This answer will show only that such a set function must exist. The reason that it is difficult to write one down explicitly is that the existence of an example on $\mathbb{N}$ requires something more than ZF. I suspect that the existence of any example will require more than just ZF but I am not sure of this. I will use the ultrafilter lemma$^*$.
Let $\Omega = \mathbb{N}$ and let $\mathcal{F} = \mathcal{P}(\Omega)$. Let $\mathcal{G}$ be a non-principal ultrafilter on $\mathbb{N}$ (recall that an ultrafilter on $\mathbb{N}$ is called principal if it is of the form $\mathcal{G} = \{A \subseteq \mathbb{N} : a \in A\}$ for some fixed $a$).
Define
$$\mathbb{P}(A) = \begin{cases} 1 \qquad A \in \mathcal{G} \\ 0 \qquad \text{otherwise} \end{cases}$$
Then $\mathbb{P}$ is a finitely additive set function (see this question). However since $\mathcal{G}$ is non-principal, it cannot contain any finite set. In particular, $\mathbb{P}(\{i\}) = 0$ for every $i \in \mathbb{N}$. Hence $\mathbb{P}$ is not countably additive since
$$1 = \mathbb{P}(\mathbb{N}) \neq \sum_{i=0}^\infty \mathbb{P}(\{i\}) = 0$$
$^*$ which is equivalent to the Boolean Prime ideal theorem and hence strictly weaker than choice. I need the ultrafilter lemma to see that a non-principal ultrafilter exists on $\mathbb{N}$. One way to get this is to use the ultrafilter lemma to get an ultrafilter extending the cofinite filter. This ultrafilter then cannot be principal.

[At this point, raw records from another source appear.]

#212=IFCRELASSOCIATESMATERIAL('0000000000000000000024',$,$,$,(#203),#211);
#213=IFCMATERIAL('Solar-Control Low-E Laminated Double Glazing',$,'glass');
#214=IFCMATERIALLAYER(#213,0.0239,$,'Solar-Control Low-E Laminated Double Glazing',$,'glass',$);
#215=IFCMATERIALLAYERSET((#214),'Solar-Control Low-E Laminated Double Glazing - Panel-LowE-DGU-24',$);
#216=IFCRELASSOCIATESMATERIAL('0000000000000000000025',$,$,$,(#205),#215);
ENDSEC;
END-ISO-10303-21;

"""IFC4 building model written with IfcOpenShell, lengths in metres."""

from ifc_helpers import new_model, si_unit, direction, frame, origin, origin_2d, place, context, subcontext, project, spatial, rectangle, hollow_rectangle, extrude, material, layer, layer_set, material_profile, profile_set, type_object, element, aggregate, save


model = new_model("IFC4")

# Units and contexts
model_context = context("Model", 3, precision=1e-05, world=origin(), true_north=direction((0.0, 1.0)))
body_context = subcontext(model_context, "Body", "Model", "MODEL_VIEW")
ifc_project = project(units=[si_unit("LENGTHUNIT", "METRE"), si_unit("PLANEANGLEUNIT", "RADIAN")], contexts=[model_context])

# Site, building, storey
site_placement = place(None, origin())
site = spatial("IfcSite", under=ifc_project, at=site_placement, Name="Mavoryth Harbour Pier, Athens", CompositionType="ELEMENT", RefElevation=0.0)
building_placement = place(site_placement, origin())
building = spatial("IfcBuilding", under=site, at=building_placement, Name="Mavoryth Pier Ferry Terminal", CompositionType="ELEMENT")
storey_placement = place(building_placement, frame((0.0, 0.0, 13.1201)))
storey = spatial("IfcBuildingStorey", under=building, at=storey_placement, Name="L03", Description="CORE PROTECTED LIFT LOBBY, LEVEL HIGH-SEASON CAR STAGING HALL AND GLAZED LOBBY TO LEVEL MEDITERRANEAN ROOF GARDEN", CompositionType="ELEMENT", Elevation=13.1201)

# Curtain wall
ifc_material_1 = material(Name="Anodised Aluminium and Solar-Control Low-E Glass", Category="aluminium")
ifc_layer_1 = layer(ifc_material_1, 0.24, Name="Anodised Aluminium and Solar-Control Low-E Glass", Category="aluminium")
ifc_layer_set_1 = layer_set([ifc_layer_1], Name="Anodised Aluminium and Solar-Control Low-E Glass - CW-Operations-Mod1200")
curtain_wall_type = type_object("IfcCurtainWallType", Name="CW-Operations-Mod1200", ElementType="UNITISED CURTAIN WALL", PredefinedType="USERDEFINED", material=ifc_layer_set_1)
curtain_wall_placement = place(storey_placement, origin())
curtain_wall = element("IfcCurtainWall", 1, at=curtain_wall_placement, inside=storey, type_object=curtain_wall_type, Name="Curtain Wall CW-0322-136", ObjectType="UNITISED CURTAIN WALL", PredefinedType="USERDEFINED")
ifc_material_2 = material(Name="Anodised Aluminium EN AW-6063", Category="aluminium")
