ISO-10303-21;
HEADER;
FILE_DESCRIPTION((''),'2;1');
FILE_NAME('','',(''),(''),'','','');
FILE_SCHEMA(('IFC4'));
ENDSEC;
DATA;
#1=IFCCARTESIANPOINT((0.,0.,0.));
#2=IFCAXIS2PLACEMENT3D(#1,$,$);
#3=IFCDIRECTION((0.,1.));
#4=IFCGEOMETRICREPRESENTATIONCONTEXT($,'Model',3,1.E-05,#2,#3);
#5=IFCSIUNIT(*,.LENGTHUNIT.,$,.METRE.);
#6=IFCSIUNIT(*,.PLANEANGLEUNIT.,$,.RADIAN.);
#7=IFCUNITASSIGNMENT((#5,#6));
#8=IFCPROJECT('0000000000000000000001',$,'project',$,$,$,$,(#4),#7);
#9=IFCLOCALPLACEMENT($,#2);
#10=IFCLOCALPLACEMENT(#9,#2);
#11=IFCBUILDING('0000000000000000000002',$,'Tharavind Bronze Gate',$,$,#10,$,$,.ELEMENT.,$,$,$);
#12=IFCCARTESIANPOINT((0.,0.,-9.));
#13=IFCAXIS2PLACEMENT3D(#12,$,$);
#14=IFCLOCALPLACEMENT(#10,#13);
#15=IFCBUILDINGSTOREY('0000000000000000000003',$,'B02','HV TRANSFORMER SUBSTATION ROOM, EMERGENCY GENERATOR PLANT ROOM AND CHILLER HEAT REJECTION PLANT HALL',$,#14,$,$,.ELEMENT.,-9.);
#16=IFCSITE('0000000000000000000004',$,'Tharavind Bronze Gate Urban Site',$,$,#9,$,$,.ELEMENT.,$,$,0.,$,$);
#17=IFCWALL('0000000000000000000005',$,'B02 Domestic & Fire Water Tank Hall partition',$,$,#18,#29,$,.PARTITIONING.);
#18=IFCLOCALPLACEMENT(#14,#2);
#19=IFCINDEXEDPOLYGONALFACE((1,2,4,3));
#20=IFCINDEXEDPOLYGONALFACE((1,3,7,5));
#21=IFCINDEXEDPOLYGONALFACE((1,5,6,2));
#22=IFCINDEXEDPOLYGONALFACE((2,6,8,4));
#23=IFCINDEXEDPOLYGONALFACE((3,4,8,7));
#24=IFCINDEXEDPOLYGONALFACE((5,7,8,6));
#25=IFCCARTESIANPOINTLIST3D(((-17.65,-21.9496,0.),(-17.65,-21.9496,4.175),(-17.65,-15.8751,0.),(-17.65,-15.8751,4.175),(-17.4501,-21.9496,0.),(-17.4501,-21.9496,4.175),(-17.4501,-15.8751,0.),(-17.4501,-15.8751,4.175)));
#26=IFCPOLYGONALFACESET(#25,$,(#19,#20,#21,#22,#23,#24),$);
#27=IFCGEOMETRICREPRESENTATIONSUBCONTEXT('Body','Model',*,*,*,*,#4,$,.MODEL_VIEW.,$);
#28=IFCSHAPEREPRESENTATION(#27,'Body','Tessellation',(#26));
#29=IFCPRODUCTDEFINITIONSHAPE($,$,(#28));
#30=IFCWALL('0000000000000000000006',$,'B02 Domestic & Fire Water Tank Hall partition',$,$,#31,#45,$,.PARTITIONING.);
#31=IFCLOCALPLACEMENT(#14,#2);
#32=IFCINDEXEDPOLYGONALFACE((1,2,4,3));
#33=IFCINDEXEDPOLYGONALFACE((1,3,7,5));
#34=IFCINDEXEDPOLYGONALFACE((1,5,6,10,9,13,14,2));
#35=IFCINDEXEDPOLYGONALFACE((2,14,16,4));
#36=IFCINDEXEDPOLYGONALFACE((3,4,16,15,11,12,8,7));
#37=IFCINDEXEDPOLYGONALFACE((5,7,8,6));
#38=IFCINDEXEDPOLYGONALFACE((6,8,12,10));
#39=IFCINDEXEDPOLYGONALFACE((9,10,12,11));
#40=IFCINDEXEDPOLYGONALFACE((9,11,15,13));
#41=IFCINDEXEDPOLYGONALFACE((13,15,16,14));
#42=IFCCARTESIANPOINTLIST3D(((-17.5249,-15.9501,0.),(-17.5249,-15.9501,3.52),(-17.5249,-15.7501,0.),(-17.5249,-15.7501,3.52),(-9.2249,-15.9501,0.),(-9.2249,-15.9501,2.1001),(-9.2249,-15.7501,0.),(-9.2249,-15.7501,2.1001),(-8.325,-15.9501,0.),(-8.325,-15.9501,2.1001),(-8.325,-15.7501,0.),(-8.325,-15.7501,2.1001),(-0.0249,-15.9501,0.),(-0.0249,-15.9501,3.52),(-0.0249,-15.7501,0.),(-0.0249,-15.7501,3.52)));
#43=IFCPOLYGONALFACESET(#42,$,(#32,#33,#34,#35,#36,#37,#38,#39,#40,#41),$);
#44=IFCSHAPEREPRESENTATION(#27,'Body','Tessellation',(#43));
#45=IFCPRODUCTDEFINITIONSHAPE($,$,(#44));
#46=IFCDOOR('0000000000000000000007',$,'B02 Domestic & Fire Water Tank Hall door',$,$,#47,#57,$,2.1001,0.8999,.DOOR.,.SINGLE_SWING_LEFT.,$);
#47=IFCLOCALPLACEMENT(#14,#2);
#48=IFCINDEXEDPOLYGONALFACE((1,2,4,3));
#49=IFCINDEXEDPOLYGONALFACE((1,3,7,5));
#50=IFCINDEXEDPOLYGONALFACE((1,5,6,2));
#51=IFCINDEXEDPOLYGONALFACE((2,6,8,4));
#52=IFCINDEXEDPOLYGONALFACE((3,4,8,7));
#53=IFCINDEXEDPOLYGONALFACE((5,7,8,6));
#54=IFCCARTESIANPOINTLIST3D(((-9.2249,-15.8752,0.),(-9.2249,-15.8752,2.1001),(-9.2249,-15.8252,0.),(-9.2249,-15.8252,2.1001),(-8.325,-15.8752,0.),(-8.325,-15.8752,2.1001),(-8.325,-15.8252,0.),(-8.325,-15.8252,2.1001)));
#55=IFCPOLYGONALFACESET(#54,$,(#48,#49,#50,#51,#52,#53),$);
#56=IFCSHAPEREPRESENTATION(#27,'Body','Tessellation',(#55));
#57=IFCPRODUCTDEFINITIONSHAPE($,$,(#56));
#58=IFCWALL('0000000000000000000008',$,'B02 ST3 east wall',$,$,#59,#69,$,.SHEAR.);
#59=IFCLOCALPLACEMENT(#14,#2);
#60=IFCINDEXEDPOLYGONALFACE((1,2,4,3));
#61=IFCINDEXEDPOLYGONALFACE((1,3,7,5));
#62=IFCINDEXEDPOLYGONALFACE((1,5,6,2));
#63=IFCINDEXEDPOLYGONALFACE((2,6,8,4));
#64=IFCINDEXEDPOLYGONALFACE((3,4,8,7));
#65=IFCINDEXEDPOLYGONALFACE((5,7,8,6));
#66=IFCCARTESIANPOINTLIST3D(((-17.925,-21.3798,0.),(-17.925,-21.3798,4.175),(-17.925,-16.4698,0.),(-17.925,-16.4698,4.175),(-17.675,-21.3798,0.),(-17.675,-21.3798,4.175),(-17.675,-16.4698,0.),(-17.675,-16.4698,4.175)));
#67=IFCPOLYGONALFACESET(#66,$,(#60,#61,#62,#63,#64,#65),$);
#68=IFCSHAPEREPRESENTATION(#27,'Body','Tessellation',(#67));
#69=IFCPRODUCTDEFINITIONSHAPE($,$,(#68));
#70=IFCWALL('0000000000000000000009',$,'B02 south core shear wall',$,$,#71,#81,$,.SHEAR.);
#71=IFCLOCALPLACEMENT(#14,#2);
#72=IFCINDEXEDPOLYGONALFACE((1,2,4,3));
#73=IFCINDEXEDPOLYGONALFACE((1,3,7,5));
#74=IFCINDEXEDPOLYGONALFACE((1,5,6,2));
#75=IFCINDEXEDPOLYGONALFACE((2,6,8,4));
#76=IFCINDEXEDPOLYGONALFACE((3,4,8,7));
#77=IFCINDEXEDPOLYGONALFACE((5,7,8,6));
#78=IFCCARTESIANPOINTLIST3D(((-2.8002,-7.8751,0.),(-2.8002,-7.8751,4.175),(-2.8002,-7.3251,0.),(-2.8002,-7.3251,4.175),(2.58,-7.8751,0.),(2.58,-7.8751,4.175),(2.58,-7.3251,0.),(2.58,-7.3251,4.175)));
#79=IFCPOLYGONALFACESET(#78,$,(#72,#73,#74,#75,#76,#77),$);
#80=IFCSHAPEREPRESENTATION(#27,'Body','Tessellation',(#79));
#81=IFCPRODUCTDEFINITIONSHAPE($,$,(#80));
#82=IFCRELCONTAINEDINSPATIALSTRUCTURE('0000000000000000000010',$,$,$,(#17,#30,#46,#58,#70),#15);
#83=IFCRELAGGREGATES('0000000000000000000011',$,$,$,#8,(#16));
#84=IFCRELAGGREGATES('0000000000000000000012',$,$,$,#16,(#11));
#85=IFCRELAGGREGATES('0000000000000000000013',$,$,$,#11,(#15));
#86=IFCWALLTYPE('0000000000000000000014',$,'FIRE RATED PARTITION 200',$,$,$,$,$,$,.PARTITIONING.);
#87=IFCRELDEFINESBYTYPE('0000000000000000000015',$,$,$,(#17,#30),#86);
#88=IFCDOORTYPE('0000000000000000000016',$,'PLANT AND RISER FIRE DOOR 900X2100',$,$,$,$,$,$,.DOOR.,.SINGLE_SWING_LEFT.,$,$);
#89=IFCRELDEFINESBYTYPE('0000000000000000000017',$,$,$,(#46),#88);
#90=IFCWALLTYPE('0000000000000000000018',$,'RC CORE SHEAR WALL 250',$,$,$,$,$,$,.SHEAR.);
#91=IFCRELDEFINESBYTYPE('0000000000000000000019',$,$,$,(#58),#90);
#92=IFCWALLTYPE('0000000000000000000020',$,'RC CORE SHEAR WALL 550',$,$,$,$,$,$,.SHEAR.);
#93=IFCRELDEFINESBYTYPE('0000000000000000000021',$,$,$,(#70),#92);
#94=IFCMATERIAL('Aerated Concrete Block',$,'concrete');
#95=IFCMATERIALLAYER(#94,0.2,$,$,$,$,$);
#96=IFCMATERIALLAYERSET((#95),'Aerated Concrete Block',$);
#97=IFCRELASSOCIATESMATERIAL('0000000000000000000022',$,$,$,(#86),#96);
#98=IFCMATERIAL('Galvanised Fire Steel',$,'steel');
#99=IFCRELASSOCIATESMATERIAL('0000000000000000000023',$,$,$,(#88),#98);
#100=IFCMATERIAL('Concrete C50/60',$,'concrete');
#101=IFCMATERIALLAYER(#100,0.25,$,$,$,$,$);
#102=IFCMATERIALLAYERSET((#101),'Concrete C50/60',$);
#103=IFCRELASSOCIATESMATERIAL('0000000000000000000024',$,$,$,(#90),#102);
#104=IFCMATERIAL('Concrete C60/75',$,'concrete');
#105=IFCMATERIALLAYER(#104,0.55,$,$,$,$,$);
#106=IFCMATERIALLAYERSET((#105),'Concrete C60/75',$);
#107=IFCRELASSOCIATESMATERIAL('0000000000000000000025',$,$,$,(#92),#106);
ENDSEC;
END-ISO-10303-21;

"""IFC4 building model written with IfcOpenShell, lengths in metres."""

from ifc_helpers import new_model, si_unit, direction, frame, frame_2d, origin, place, context, subcontext, project, spatial, rectangle, extrude, material, layer, layer_set, type_object, element, fill, save


model = new_model("IFC4")

# Units and contexts
model_context = context("Model", 3, precision=1e-05, world=origin(), true_north=direction((0.0, 1.0)))
body_context = subcontext(model_context, "Body", "Model", "MODEL_VIEW")
ifc_project = project(units=[si_unit("LENGTHUNIT", "METRE"), si_unit("PLANEANGLEUNIT", "RADIAN")], contexts=[model_context])

# Site, building, storey
site_placement = place(None, origin())
site = spatial("IfcSite", under=ifc_project, at=site_placement, Name="Tharavind Bronze Gate Urban Site", CompositionType="ELEMENT", RefElevation=0.0)
building_placement = place(site_placement, origin())
building = spatial("IfcBuilding", under=site, at=building_placement, Name="Tharavind Bronze Gate", CompositionType="ELEMENT")
storey_placement = place(building_placement, frame((0.0, 0.0, -9.0)))
storey = spatial("IfcBuildingStorey", under=building, at=storey_placement, Name="B02", Description="HV TRANSFORMER SUBSTATION ROOM, EMERGENCY GENERATOR PLANT ROOM AND CHILLER HEAT REJECTION PLANT HALL", CompositionType="ELEMENT", Elevation=-9.0)

# Shared definitions
ifc_material_1 = material(Name="Concrete C50/60", Category="concrete")

# Wall
ifc_material_2 = material(Name="Aerated Concrete Block", Category="concrete")
ifc_layer_1 = layer(ifc_material_2, 0.2)
ifc_layer_set_1 = layer_set([ifc_layer_1], Name="Aerated Concrete Block")
wall_type_1 = type_object("IfcWallType", Name="FIRE RATED PARTITION 200", PredefinedType="PARTITIONING", material=ifc_layer_set_1)
wall_1_placement = place(storey_placement, frame((-17.55, -21.9495, 0.0), z_axis=(0.0, 0.0, 1.0), x_axis=(0.0, 1.0, 0.0)))
element("IfcWall", 1, at=wall_1_placement, inside=storey, type_object=wall_type_1, Name="B02 Domestic & Fire Water Tank Hall partition", PredefinedType="PARTITIONING", context=body_context, shape_type="SweptSolid", body=[
    extrude(rectangle(XDim=6.0745, YDim=0.2, at=frame_2d((3.0371, 0.0))), origin(), (0.0, 0.0, 1.0), 4.175),
])

# Wall, opening, door
wall_2_placement = place(storey_placement, frame((-17.5249, -15.8501, 0.0), z_axis=(0.0, 0.0, 1.0), x_axis=(1.0, 0.0, 0.0)))
wall_2 = element("IfcWall", 2, at=wall_2_placement, inside=storey, type_object=wall_type_1, Name="B02 Domestic & Fire Water Tank Hall partition", PredefinedType="PARTITIONING", context=body_context, shape_type="SweptSolid", body=[
    extrude(rectangle(XDim=17.5, YDim=0.2, at=frame_2d((8.75, 0.0))), origin(), (0.0, 0.0, 1.0), 3.52),
])
opening_placement = place(wall_2_placement, frame((8.3, 0.0, 0.0)))
opening = element("IfcOpeningElement", 3, at=opening_placement, cuts=wall_2, PredefinedType="OPENING", context=body_context, shape_type="SweptSolid", body=[
    extrude(rectangle(XDim=0.8999, YDim=2.1001, at=frame_2d((0.45, 1.05))), frame((0.0, 0.1101, 0.0), z_axis=(0.0, -1.0, 0.0), x_axis=(1.0, 0.0, 0.0)), (0.0, 0.0, 1.0), 0.22),
])
ifc_material_3 = material(Name="Galvanised Fire Steel", Category="steel")
door_type = type_object("IfcDoorType", Name="PLANT AND RISER FIRE DOOR 900X2100", OperationType="SINGLE_SWING_LEFT", PredefinedType="DOOR", material=ifc_material_3)
door_placement = place(opening_placement, origin())
door = element("IfcDoor", 4, at=door_placement, inside=storey, type_object=door_type, Name="B02 Domestic & Fire Water Tank Hall door", OperationType="SINGLE_SWING_LEFT", OverallHeight=2.1001, OverallWidth=0.8999, PredefinedType="DOOR", context=body_context, shape_type="SweptSolid", body=[
    extrude(rectangle(XDim=0.8999, YDim=2.1001, at=frame_2d((0.45, 1.05))), frame((0.0, 0.0249, 0.0), z_axis=(0.0, -1.0, 0.0), x_axis=(1.0, 0.0, 0.0)), (0.0, 0.0, 1.0), 0.05),
])
fill(opening, door)

# Walls
ifc_layer_2 = layer(ifc_material_1, 0.25)
ifc_layer_set_2 = layer_set([ifc_layer_2], Name="Concrete C50/60")
wall_type_2 = type_object("IfcWallType", Name="RC CORE SHEAR WALL 250", PredefinedType="SHEAR", material=ifc_layer_set_2)
wall_3_placement = place(storey_placement, frame((-17.8, -21.3799, 0.0), z_axis=(0.0, 0.0, 1.0), x_axis=(0.0, 1.0, 0.0)))
element("IfcWall", 5, at=wall_3_placement, inside=storey, type_object=wall_type_2, Name="B02 ST3 east wall", PredefinedType="SHEAR", context=body_context, shape_type="SweptSolid", body=[
    extrude(rectangle(XDim=4.9099, YDim=0.25, at=frame_2d((2.4551, 0.0))), origin(), (0.0, 0.0, 1.0), 4.175),
])
ifc_material_4 = material(Name="Concrete C60/75", Category="concrete")
ifc_layer_3 = layer(ifc_material_4, 0.55)
ifc_layer_set_3 = layer_set([ifc_layer_3], Name="Concrete C60/75")
wall_type_3 = type_object("IfcWallType", Name="RC CORE SHEAR WALL 550", PredefinedType="SHEAR", material=ifc_layer_set_3)
wall_4_placement = place(storey_placement, frame((-2.8, -7.6001, 0.0), z_axis=(0.0, 0.0, 1.0), x_axis=(1.0, 0.0, 0.0)))
element("IfcWall", 6, at=wall_4_placement, inside=storey, type_object=wall_type_3, Name="B02 south core shear wall", PredefinedType="SHEAR", context=body_context, shape_type="SweptSolid", body=[
    extrude(rectangle(XDim=5.3801, YDim=0.55, at=frame_2d((2.6899, 0.0))), origin(), (0.0, 0.0, 1.0), 4.175),
])

save(model, "model.ifc")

As pointed out in the answer here and the references therein, it is consistent with ZF+DC that there are no "non-principal measures" on $\mathbb{N}$. A non-principal measure on the powerset of a set $X$ is a set function $\mu: \mathcal{P}(X) \to [0,1]$ such that $\mu$ is finitely additive, $\mu(X) = 1$ and $\mu(\{x\}) = 0$ for all $x$. The $\mathbb{P}$ in this answer is exactly an example of a non-principal measure on $\mathbb{N}$. The answer to my follow up question here then shows that it is consistent with ZF+DC that you cannot construct an example on $\mathbb{N}$.